No one ended up winning anything because the breakaway star of the party was one of the new guys and none of them were in the pool since they were unknown quantities. So except for New Guy getting thrown out and another incident involving a friend of mine and a coworker who I now want to kick until he's dead, it was kind of a great party. K-dub, mysterioso, American Idol and I had made a pact to make sure none of us got out of control ("One water to every two drinks, people. Eat something. The code word is Singapore!") and it worked. Lookit that, almost 32 years old and I finally learn to behave. We made the DJ play OutKast and he threw in the Milkshake Song for good measure. I got to know the Enablement Krew better and they all rock like mini hurricanes ("Dude, the French get ALL the bitches!") and yeah, it was in actuality probably a big ole gooberfest but it's rare to have so many fun coworkers. Except that one dude who I seriously want to beat with a shovel.

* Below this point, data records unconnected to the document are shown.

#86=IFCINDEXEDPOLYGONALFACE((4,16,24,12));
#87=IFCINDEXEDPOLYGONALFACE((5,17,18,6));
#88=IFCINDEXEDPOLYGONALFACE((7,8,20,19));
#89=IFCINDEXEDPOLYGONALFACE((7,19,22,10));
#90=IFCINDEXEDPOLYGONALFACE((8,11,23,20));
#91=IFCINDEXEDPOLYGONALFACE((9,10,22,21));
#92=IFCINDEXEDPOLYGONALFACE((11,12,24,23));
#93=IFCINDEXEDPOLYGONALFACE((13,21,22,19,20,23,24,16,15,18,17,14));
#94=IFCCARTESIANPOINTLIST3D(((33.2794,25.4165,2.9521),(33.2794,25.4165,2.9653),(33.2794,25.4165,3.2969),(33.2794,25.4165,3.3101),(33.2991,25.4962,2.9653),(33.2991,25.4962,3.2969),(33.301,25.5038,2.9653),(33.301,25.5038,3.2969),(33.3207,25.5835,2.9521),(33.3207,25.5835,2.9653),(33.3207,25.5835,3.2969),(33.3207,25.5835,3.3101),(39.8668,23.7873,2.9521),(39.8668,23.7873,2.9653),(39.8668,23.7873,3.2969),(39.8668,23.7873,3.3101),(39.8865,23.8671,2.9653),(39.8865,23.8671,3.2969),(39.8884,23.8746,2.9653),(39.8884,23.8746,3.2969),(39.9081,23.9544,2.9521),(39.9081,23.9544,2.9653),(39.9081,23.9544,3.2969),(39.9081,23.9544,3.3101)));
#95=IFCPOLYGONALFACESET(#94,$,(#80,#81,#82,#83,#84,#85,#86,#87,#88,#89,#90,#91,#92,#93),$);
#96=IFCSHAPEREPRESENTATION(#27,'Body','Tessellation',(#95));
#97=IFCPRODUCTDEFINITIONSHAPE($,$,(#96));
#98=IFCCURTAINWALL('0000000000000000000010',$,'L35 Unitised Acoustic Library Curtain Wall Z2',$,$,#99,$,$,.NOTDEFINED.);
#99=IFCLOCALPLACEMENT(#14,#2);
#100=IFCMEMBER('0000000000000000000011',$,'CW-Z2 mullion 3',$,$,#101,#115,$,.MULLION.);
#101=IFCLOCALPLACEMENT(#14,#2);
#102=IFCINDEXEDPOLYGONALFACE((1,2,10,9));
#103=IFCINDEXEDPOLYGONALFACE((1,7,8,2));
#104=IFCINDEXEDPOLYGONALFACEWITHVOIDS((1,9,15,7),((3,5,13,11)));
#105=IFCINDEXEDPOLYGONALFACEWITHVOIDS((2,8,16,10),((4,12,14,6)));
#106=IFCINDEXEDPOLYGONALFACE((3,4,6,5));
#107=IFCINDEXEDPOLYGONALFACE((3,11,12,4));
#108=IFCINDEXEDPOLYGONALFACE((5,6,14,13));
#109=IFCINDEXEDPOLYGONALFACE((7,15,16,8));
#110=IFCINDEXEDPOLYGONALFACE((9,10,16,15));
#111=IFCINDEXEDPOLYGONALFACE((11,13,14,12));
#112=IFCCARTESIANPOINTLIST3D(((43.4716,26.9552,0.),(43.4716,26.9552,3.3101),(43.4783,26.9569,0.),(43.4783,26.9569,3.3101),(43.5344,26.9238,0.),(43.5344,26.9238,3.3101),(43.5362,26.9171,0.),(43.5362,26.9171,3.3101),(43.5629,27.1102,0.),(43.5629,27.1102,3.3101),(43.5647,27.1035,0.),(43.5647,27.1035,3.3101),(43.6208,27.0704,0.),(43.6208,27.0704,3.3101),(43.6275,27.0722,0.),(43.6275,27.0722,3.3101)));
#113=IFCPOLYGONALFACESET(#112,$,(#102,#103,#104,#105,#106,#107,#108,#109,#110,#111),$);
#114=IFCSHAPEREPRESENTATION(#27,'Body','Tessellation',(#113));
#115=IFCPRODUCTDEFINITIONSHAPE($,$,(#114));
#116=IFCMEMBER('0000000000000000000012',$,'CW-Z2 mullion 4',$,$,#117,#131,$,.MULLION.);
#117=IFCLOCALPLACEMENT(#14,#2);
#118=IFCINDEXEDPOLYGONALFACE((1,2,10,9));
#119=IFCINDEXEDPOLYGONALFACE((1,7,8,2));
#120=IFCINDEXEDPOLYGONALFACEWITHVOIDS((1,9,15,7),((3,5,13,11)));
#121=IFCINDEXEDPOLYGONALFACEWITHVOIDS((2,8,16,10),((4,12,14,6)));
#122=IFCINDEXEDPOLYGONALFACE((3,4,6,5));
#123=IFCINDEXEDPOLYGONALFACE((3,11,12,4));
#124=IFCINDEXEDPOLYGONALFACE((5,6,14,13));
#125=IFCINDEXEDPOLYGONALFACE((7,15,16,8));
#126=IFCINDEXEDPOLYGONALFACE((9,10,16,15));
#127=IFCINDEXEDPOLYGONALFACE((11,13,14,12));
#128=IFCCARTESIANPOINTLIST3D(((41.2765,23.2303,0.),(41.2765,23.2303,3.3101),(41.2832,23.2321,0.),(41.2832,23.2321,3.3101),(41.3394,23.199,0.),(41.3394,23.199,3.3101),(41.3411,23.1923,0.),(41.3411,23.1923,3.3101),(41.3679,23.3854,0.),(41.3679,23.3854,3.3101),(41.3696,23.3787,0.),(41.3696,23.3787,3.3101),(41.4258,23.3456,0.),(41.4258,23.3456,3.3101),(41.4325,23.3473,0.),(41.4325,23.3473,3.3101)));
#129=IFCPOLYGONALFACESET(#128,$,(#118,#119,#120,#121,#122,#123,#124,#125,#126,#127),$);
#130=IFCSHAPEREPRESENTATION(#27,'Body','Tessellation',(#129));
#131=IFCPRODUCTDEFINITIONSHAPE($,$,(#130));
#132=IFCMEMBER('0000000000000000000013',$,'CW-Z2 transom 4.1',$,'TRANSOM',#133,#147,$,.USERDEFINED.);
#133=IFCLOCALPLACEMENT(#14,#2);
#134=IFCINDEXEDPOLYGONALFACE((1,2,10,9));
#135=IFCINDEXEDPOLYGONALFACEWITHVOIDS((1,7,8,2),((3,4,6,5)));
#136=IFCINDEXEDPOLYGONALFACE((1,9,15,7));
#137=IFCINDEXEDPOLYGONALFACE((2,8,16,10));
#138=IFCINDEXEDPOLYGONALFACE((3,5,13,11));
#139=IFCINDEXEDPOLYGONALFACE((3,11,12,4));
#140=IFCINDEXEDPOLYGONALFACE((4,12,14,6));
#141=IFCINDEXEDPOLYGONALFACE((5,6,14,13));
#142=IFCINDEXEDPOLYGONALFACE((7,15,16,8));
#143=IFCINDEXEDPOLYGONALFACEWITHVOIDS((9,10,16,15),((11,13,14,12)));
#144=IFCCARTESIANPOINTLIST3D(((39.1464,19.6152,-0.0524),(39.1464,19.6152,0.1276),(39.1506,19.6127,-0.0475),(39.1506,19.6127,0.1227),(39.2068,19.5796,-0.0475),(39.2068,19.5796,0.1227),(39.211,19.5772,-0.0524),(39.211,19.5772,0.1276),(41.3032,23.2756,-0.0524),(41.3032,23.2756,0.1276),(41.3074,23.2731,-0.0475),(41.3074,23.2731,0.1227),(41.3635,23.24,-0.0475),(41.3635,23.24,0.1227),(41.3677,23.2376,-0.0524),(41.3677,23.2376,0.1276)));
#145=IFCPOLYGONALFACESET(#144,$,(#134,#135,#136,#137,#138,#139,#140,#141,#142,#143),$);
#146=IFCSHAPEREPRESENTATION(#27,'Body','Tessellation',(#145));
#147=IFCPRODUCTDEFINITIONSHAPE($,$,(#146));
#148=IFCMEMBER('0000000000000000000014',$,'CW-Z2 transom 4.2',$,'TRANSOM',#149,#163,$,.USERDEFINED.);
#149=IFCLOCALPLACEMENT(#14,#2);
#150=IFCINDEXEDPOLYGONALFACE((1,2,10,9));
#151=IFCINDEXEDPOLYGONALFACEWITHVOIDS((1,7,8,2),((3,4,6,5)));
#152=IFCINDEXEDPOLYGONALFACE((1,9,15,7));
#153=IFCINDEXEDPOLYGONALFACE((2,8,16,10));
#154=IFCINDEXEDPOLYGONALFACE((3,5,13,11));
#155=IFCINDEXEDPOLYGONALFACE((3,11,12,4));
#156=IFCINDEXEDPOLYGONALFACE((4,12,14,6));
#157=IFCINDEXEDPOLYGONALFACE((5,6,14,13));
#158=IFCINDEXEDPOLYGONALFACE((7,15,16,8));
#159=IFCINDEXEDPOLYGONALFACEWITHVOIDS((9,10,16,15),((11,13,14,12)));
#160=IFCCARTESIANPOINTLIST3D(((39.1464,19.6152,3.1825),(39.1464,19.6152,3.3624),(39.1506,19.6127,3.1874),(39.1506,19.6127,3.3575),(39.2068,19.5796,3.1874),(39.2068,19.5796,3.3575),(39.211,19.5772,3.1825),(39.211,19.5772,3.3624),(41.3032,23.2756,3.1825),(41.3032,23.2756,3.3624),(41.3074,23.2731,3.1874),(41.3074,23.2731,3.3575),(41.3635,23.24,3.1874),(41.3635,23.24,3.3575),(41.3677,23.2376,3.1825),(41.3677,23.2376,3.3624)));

Oh oh the best part though was my ride home. I tried and failed to get a cab - are there really less cabs lately or does it just seem that way? - and finally a car service guy pulled up and in my desperation I'm like look, I need to go to Brooklyn and I only have $22, yes or no? And off we went. I'm really popular with people who drive some sort of vehicle for a living be it subway, bus or car and Sonny was no different. He asked me if I were Muslim (must be my big, round, freckled, typical Muslim face) and if I had a boyfriend and where am I from... I usually lie about everything, including my name, in these situations, just in case, but Sonny told me I seemed like such a nice, decent person I didn't want to disappoint him.

When we were approaching my stop off the BQE, he told me he wanted to start a friendship with me and could he give me his number. Since it drives me crazyinsane when people give or ask for numbers with no intention of ever calling I really didn't want to do the same thing, the principle and all, but I didn't want to cause any kind of scene with the guy who now knew where I live, so I said sure. I took his number and handed him my $22 and he wouldn't take my money. He said it was because I was nice and he wanted to start a friendship with me and I argued that he'd done his job and deserved the money but he just wouldn't take it.

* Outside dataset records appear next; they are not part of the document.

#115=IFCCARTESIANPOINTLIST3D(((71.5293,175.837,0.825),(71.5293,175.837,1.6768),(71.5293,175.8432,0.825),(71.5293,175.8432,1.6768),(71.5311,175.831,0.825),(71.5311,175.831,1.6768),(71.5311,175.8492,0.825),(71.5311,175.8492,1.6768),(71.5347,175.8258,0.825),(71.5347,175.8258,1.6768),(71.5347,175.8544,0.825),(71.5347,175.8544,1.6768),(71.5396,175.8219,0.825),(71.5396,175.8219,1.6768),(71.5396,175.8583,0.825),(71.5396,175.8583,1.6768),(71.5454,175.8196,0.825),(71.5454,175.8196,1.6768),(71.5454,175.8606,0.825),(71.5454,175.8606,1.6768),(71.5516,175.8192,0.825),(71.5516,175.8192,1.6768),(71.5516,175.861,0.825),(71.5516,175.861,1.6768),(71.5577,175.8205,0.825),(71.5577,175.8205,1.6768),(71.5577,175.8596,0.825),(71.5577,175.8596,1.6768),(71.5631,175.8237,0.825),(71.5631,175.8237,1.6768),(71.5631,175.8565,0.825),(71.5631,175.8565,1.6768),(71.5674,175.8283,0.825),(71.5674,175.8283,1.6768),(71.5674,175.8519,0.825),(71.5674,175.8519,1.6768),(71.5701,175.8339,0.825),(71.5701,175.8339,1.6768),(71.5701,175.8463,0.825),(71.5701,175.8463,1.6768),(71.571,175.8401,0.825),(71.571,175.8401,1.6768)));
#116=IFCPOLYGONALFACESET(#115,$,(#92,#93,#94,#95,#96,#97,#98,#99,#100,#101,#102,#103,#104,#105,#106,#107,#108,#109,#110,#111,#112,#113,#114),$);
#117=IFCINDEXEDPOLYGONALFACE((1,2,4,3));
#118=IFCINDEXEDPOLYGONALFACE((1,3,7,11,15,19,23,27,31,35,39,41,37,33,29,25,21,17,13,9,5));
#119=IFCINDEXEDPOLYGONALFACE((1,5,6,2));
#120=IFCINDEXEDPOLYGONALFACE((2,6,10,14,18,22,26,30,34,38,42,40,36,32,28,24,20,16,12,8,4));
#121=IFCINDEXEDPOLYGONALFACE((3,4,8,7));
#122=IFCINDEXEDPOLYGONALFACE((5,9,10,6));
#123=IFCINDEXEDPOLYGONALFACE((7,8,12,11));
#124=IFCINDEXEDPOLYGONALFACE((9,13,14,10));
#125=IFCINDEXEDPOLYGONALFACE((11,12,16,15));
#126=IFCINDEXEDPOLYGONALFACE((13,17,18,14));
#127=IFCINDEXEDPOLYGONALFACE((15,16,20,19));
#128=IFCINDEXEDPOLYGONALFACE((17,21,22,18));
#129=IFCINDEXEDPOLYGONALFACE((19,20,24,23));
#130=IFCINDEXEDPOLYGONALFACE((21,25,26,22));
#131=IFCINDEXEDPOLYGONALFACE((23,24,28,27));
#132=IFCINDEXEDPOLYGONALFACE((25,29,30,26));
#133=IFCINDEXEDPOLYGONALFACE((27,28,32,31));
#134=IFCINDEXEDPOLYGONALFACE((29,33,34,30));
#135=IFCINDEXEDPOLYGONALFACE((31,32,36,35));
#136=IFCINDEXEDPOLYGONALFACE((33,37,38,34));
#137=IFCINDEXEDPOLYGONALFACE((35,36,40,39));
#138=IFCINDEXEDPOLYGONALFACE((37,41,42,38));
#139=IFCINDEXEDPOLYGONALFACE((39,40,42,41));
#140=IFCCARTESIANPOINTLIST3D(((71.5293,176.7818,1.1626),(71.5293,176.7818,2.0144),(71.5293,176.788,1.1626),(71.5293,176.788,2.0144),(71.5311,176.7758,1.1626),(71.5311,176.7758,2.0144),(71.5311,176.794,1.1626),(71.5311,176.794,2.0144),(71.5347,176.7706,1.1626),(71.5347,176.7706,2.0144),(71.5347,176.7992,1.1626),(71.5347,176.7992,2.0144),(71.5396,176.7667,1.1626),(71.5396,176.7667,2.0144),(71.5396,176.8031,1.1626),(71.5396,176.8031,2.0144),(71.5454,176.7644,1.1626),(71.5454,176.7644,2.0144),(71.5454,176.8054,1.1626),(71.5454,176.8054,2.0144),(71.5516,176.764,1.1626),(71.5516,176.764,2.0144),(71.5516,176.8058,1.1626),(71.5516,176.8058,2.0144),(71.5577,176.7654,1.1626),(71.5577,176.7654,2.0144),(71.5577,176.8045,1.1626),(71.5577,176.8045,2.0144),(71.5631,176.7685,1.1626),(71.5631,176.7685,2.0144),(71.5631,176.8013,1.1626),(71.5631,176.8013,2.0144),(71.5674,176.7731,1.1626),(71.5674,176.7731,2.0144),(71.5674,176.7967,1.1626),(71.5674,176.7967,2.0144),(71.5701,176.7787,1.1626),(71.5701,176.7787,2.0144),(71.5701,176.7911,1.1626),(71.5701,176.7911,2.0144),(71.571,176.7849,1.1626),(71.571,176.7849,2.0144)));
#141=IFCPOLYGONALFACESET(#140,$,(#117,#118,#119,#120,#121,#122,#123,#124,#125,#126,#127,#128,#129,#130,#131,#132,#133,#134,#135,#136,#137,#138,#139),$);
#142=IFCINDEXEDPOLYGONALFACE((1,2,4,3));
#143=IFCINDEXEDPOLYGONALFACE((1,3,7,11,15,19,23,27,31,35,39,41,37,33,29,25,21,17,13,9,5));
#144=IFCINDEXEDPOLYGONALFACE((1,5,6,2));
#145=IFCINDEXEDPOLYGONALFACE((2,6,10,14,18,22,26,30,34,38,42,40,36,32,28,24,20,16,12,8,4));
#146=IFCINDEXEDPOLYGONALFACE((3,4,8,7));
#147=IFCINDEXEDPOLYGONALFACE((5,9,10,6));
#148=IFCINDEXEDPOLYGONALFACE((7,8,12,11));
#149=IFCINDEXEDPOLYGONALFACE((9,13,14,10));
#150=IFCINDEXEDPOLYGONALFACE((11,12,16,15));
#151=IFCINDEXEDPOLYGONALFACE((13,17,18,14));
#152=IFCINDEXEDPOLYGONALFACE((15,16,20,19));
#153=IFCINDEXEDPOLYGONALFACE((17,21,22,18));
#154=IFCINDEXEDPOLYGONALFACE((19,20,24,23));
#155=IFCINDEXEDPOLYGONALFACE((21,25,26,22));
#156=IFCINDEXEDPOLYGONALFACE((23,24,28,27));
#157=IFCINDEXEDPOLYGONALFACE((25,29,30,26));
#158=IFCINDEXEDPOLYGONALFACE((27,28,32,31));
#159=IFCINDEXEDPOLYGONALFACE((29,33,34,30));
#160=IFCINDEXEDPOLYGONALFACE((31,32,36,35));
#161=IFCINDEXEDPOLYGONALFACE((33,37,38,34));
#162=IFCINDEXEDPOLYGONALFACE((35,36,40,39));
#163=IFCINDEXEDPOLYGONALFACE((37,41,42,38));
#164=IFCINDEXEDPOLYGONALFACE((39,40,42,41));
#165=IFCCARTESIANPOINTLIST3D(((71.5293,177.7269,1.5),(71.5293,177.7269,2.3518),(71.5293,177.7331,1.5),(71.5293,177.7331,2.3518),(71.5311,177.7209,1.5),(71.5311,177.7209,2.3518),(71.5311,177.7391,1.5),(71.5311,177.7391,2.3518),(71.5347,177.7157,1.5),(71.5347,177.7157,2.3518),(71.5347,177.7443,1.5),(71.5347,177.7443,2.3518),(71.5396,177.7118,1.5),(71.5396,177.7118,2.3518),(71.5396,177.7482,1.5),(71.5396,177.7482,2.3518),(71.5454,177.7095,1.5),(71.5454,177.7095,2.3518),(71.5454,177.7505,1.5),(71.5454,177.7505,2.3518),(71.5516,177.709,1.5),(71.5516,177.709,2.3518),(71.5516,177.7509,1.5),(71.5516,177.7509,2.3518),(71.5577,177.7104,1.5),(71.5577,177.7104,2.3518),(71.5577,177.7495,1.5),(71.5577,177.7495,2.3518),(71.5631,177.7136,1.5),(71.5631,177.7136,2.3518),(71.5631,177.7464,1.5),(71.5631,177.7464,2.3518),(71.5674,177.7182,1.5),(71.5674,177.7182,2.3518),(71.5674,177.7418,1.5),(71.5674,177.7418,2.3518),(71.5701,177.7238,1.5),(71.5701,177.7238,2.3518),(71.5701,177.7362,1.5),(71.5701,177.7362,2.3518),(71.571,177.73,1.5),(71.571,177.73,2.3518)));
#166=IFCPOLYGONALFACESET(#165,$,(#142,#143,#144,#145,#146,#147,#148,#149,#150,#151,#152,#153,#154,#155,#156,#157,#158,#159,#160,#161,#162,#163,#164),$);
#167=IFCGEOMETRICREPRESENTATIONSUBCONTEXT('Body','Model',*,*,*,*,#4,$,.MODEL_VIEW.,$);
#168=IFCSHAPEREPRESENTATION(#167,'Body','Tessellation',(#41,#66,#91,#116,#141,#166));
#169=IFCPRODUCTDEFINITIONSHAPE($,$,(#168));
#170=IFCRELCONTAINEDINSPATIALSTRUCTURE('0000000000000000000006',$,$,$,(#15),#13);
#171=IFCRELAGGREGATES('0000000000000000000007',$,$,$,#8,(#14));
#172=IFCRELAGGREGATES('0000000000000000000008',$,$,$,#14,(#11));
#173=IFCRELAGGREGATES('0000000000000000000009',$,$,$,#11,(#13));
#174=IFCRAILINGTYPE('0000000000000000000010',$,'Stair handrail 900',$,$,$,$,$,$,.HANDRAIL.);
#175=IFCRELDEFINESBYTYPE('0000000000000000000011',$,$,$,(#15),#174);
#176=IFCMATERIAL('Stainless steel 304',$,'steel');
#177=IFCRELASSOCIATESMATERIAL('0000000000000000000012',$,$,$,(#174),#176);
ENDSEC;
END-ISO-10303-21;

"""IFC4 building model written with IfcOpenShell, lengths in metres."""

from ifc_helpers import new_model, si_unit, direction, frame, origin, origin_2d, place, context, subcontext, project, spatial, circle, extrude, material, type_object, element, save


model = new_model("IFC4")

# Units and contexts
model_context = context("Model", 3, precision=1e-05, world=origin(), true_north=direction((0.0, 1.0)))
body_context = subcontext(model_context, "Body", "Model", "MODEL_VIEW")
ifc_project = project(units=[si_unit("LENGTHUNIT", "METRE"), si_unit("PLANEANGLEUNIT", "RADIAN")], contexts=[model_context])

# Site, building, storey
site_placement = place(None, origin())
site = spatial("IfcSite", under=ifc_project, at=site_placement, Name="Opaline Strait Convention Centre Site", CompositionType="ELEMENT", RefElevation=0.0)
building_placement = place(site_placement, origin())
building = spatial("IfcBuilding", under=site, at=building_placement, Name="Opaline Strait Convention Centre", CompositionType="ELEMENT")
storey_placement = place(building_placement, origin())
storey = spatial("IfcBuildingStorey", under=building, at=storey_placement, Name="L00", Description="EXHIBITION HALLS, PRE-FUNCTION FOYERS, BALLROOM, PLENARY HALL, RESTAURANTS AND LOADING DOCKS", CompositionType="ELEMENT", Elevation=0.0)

So I got out and headed into my building and I was thinking, damn, this must be what it's like for pretty girls every day! I don't mean to put myself down, I'm not so hideous that children put out their own eyes rather than look at me. But I'm talking about that kind of pretty that makes people stop and stare, or give you things for free. Honestly, even just a tiny taste of it made me think how along with the giggly "I got something free!" there's a sort of guilt. I felt bad, since it wasn't an equal trade in the slightest. I'm not ever going to call. Huh. That's one to grow on.